Reputation: 77
I am new to javascript and Node.js and having problems testing some code I wrote recently. I am trying to test code written in a file called "compareCrowe.js" with "testCrowe.js" using Node.js.
Here are the contents of testCrowe.js:
var compareCrowe = required['./compareCrowe'];
console.log('begin test');
var connection = {Type:1, Label:"label", linkTo:null};
var table1 = {name:"table1", body:"description1", out:[connection]};
var table2 = {name:"table2", body:"description2", out:null};
connection.linkTo = table2;
var crowe = [table1, table2];
var result = compareCrowe.compareCrowesFoot(crowe, crowe);
console.log(result.feedback);
where the function "compareCrowesFoot" is defined in compareCrowe.js. From the console on an Ubuntu virtual machine I ran:
node compareCrowe.js testCrowe.js
however, nothing was printed. There were no errors or warnings or explanation of any kind. It didn't even print the "begin test" line I placed at the top of testCrowe.js. If I run the command:
node testCrowe.js
it complains that compareCrowesFoot is undefined. How can I test the contents of compareCrowe.js?
Upvotes: 0
Views: 235
Reputation: 1176
Welcome to the party of JS.
I'm not sure where you're learning from, but a few of the resources that have helped me and many others are superherojs.com, nodeschool.io, the MDN developer docs, Node.js API docs, and Youtube (seriously).
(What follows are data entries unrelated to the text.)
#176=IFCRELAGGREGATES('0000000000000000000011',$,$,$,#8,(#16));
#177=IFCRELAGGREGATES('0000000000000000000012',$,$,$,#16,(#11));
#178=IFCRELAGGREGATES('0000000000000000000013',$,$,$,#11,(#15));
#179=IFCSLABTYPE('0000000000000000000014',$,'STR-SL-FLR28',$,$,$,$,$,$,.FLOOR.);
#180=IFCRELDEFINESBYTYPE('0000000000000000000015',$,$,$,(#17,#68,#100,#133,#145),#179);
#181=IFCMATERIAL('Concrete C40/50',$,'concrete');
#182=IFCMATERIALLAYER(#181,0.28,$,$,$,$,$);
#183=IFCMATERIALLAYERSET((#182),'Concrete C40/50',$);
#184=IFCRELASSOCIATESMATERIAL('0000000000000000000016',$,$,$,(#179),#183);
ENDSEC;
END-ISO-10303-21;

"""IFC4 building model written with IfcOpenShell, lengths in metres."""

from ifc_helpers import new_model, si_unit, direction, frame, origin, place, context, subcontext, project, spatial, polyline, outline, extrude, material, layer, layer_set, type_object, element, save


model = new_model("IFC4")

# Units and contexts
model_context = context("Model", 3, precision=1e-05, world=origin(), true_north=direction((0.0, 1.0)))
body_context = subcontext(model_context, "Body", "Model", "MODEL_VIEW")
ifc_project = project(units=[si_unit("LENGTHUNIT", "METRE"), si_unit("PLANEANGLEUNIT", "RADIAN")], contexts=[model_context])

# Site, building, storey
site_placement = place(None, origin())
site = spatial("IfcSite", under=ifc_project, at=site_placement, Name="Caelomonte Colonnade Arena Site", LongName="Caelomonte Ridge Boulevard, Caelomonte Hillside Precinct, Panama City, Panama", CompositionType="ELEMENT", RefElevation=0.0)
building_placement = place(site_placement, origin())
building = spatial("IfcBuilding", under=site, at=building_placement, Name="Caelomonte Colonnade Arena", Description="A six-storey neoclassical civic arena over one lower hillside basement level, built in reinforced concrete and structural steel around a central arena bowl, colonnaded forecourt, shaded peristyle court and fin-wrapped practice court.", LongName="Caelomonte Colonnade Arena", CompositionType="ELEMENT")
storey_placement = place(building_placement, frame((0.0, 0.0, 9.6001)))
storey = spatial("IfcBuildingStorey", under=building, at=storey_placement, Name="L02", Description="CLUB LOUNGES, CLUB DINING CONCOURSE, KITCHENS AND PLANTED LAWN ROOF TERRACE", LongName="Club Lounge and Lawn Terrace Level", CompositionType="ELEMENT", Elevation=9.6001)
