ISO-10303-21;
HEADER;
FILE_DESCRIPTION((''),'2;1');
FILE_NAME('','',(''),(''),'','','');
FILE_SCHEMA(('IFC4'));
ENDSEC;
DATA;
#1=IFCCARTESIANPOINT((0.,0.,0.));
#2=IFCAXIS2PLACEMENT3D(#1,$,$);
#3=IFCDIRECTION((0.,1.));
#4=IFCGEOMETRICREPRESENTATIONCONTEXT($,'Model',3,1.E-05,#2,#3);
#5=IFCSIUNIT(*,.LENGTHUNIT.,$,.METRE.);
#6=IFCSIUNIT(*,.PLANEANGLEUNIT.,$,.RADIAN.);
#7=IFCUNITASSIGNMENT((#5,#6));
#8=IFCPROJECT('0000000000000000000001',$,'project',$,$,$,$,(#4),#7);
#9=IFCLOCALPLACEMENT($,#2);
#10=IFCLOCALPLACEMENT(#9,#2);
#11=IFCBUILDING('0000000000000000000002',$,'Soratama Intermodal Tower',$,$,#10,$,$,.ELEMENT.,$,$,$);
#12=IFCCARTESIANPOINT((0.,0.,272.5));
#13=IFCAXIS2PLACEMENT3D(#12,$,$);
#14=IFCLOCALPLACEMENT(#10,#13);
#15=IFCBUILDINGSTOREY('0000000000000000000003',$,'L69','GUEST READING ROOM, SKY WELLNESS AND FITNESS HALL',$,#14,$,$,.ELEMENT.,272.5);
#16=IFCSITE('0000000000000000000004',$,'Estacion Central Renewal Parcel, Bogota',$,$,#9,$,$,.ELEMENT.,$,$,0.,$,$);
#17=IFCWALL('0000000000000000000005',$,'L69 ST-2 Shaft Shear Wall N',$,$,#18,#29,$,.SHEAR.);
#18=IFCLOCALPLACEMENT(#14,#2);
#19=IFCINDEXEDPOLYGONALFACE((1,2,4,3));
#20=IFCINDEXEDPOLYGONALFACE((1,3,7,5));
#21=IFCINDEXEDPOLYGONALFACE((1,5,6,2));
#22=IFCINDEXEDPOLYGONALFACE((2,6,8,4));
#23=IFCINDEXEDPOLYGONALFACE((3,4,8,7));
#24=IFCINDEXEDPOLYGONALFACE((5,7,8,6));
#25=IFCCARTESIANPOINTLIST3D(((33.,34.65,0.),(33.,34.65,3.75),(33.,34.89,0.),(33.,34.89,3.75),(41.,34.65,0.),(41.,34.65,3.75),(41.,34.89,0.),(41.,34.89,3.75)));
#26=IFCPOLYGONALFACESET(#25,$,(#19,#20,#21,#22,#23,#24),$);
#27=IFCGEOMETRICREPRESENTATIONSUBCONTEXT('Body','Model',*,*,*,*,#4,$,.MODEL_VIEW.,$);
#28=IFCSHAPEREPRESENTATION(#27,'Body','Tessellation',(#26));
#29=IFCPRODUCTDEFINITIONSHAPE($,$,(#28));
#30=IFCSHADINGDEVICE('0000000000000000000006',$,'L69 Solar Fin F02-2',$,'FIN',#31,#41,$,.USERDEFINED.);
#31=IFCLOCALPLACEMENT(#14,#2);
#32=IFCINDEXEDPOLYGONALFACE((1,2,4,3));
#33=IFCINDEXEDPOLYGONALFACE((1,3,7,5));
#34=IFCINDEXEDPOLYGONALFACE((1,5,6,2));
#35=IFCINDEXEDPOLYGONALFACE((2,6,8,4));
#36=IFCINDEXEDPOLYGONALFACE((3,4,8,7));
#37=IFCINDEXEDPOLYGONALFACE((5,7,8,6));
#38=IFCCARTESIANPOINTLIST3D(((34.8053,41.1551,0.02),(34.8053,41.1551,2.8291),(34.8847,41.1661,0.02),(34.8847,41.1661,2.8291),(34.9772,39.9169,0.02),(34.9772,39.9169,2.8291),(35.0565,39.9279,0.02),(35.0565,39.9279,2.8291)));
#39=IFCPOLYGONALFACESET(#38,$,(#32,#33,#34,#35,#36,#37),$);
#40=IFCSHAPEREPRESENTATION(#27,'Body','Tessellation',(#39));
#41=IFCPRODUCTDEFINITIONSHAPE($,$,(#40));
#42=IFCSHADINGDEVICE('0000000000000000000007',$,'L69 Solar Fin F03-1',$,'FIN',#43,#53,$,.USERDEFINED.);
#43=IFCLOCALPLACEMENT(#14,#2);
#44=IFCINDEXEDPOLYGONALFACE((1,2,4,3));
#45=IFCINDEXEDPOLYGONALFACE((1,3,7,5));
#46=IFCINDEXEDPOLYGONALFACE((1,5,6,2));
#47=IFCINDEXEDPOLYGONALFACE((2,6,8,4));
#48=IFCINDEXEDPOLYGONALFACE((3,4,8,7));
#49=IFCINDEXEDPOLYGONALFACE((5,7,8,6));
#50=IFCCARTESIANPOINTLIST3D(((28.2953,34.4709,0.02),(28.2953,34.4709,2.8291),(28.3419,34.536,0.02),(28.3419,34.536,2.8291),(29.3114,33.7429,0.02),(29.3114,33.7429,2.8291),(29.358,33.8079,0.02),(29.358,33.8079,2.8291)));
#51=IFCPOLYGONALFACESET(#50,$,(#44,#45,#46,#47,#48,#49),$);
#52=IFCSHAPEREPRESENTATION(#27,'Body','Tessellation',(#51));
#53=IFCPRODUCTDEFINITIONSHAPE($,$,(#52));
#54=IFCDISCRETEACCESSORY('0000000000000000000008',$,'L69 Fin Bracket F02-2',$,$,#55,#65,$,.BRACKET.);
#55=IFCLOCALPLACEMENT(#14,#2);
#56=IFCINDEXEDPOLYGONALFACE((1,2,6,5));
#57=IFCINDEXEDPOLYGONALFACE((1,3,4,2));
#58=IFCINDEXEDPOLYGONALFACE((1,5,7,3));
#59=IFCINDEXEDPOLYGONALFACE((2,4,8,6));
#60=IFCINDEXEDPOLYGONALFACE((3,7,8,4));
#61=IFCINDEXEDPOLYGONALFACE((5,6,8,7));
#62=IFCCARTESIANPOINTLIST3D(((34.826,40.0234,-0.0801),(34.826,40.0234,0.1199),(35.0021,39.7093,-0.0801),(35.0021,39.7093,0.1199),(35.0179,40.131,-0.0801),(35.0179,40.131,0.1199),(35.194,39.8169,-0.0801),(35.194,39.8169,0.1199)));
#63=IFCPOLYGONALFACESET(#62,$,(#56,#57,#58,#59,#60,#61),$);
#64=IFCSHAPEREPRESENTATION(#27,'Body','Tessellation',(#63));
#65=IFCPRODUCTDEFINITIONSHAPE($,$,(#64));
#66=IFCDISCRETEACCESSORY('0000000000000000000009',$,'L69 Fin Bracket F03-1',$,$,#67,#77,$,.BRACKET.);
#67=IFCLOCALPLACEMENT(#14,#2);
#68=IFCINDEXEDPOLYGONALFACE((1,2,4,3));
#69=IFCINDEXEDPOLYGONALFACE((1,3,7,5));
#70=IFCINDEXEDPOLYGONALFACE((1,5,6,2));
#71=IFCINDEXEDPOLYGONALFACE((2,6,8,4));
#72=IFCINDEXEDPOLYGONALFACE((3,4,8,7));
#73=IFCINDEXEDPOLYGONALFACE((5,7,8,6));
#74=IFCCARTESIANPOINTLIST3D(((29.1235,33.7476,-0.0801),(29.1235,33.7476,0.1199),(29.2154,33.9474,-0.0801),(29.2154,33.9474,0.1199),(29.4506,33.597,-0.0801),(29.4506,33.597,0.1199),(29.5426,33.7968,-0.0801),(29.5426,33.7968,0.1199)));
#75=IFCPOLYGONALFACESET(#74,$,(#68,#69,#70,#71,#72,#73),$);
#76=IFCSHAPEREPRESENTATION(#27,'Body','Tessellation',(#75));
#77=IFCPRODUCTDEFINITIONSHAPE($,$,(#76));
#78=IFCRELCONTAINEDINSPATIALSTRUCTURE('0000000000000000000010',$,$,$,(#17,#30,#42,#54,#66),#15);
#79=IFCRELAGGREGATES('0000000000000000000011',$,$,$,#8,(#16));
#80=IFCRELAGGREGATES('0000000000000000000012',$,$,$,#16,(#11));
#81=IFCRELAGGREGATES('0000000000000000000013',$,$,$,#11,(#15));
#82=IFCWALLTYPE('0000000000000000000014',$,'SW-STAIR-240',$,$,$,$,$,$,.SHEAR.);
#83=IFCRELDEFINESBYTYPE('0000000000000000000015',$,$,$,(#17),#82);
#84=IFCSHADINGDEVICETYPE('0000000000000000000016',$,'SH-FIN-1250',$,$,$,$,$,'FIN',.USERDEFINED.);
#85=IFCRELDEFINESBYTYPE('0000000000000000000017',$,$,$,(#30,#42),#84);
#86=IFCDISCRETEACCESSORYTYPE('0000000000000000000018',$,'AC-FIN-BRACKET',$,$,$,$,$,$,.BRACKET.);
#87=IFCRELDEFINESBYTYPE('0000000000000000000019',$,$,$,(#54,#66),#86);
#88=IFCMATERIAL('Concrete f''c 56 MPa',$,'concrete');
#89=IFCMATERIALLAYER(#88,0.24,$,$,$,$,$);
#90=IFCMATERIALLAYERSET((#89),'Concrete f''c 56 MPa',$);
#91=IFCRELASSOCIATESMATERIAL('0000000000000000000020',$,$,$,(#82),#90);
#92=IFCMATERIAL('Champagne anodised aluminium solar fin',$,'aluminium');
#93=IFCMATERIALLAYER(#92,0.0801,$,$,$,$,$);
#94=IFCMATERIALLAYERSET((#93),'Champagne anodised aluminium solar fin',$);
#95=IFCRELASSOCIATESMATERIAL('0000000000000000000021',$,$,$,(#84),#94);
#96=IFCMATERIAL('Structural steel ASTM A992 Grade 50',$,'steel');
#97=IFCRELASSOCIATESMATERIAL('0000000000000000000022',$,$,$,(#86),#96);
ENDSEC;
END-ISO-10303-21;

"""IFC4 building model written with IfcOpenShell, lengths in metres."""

from ifc_helpers import new_model, si_unit, direction, frame, frame_2d, origin, origin_2d, place, context, subcontext, project, spatial, rectangle, extrude, material, layer, layer_set, type_object, element, save


model = new_model("IFC4")

# Units and contexts
model_context = context("Model", 3, precision=1e-05, world=origin(), true_north=direction((0.0, 1.0)))
body_context = subcontext(model_context, "Body", "Model", "MODEL_VIEW")
ifc_project = project(units=[si_unit("LENGTHUNIT", "METRE"), si_unit("PLANEANGLEUNIT", "RADIAN")], contexts=[model_context])

# Site, building, storey
site_placement = place(None, origin())
site = spatial("IfcSite", under=ifc_project, at=site_placement, Name="Estacion Central Renewal Parcel, Bogota", CompositionType="ELEMENT", RefElevation=0.0)
building_placement = place(site_placement, origin())
building = spatial("IfcBuilding", under=site, at=building_placement, Name="Soratama Intermodal Tower", CompositionType="ELEMENT")
storey_placement = place(building_placement, frame((0.0, 0.0, 272.5)))
storey = spatial("IfcBuildingStorey", under=building, at=storey_placement, Name="L69", Description="GUEST READING ROOM, SKY WELLNESS AND FITNESS HALL", CompositionType="ELEMENT", Elevation=272.5)

# Wall
ifc_material_1 = material(Name="Concrete f'c 56 MPa", Category="concrete")
ifc_layer_1 = layer(ifc_material_1, 0.24)
ifc_layer_set_1 = layer_set([ifc_layer_1], Name="Concrete f'c 56 MPa")
wall_type_1 = type_object("IfcWallType", Name="SW-STAIR-240", PredefinedType="SHEAR", material=ifc_layer_set_1)
wall_1_placement = place(storey_placement, frame((33.0, 34.77, 0.0), z_axis=(0.0, 0.0, 1.0), x_axis=(1.0, 0.0, 0.0)))
element("IfcWall", 1, at=wall_1_placement, inside=storey, type_object=wall_type_1, Name="L69 ST-2 Shaft Shear Wall N", PredefinedType="SHEAR", context=body_context, shape_type="SweptSolid", body=[
    extrude(rectangle(XDim=8.0, YDim=0.24, at=frame_2d((4.0, 0.0))), origin(), (0.0, 0.0, 1.0), 3.75),
])

# Shading devices
ifc_material_2 = material(Name="Champagne anodised aluminium solar fin", Category="aluminium")
ifc_layer_2 = layer(ifc_material_2, 0.0801)
ifc_layer_set_2 = layer_set([ifc_layer_2], Name="Champagne anodised aluminium solar fin")
shading_device_type = type_object("IfcShadingDeviceType", Name="SH-FIN-1250", ElementType="FIN", PredefinedType="USERDEFINED", material=ifc_layer_set_2)
for number, where, z_axis, x_axis, name in (
    (2, (34.9309, 40.5415, 0.02), (0.0, 0.0, 1.0), (-0.137445, 0.990509, 0.0), "L69 Solar Fin F02-2"),
    (3, (28.8267, 34.1394, 0.02), (0.0, 0.0, 1.0), (-0.812898, 0.582407, 0.0), "L69 Solar Fin F03-1"),
):
    element("IfcShadingDevice", number, at=place(storey_placement, frame(where, z_axis=z_axis, x_axis=x_axis)), inside=storey, type_object=shading_device_type, Name=name, ObjectType="FIN", PredefinedType="USERDEFINED", context=body_context, shape_type="SweptSolid", body=[
        extrude(rectangle(XDim=1.25, YDim=0.0801, at=origin_2d()), origin(), (0.0, 0.0, 1.0), 2.8091),
    ])

# Discrete accessories
ifc_material_3 = material(Name="Structural steel ASTM A992 Grade 50", Category="steel")
discrete_accessory_type = type_object("IfcDiscreteAccessoryType", Name="AC-FIN-BRACKET", PredefinedType="BRACKET", material=ifc_material_3)
for number, where, z_axis, x_axis, name in (
    (4, (35.01, 39.9202, -0.0801), (0.0, 0.0, 1.0), (-0.489078, 0.87224, 0.0), "L69 Fin Bracket F02-2"),
    (5, (29.333, 33.7722, -0.0801), (0.0, 0.0, 1.0), (-0.908362, 0.418184, 0.0), "L69 Fin Bracket F03-1"),
):
    element("IfcDiscreteAccessory", number, at=place(storey_placement, frame(where, z_axis=z_axis, x_axis=x_axis)), inside=storey, type_object=discrete_accessory_type, Name=name, PredefinedType="BRACKET", context=body_context, shape_type="SweptSolid", body=[
        extrude(rectangle(XDim=0.3601, YDim=0.22, at=origin_2d()), origin(), (0.0, 0.0, 1.0), 0.2),
    ])

save(model, "model.ifc")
The basic idea of Node.js is that it operates with modules (chunks of reusable code), which is what NPM is made up of. These can then be included in other modules and used anywhere else in your application.
So for a basic example, say you had compareCrowe.js, to make it includable/reusable in another file, you could write something like:
module.exports = function() {
var compareCrowesFoot = function(crowe1, crowe2) { /* compare crows feet and return something here */ }
return { compareCrowesFoot: compareCrowesFoot };
// return an object with a property of whatever you want to access it as , and the value as your function name
// e.g. - you could return { compare: compareCrowesFoot };
}
Then in testCrowe.js you could require compareCrowe like this:
var compareCrowe = require("./compareCrowe");
/* your code here... */
var result = compareCrowe.compareCrowesFoot(crowe1, crowe2);
// if your returned object was { compare: compareCrowesFoot };
// this would be compareCrowe.compare(crowe1, crowe1);
And to run your tests, you could then run node testCrowe.js
from the command line.
Upvotes: 1
Reputation: 7590
In your case it seems like you've got your syntax a little messed up. It should be more like:
var compareCrowe = require('./compareCrowe.js');
That would make any methods you've exported in compareCrowe.js
, such as your compareCrowe.compareCrowesFoot
function, available to testCrowe.js
.
Then, in your terminal, you would run the following:
node testCrowe.js
And that should do the trick provided you don't have any further errors in your code.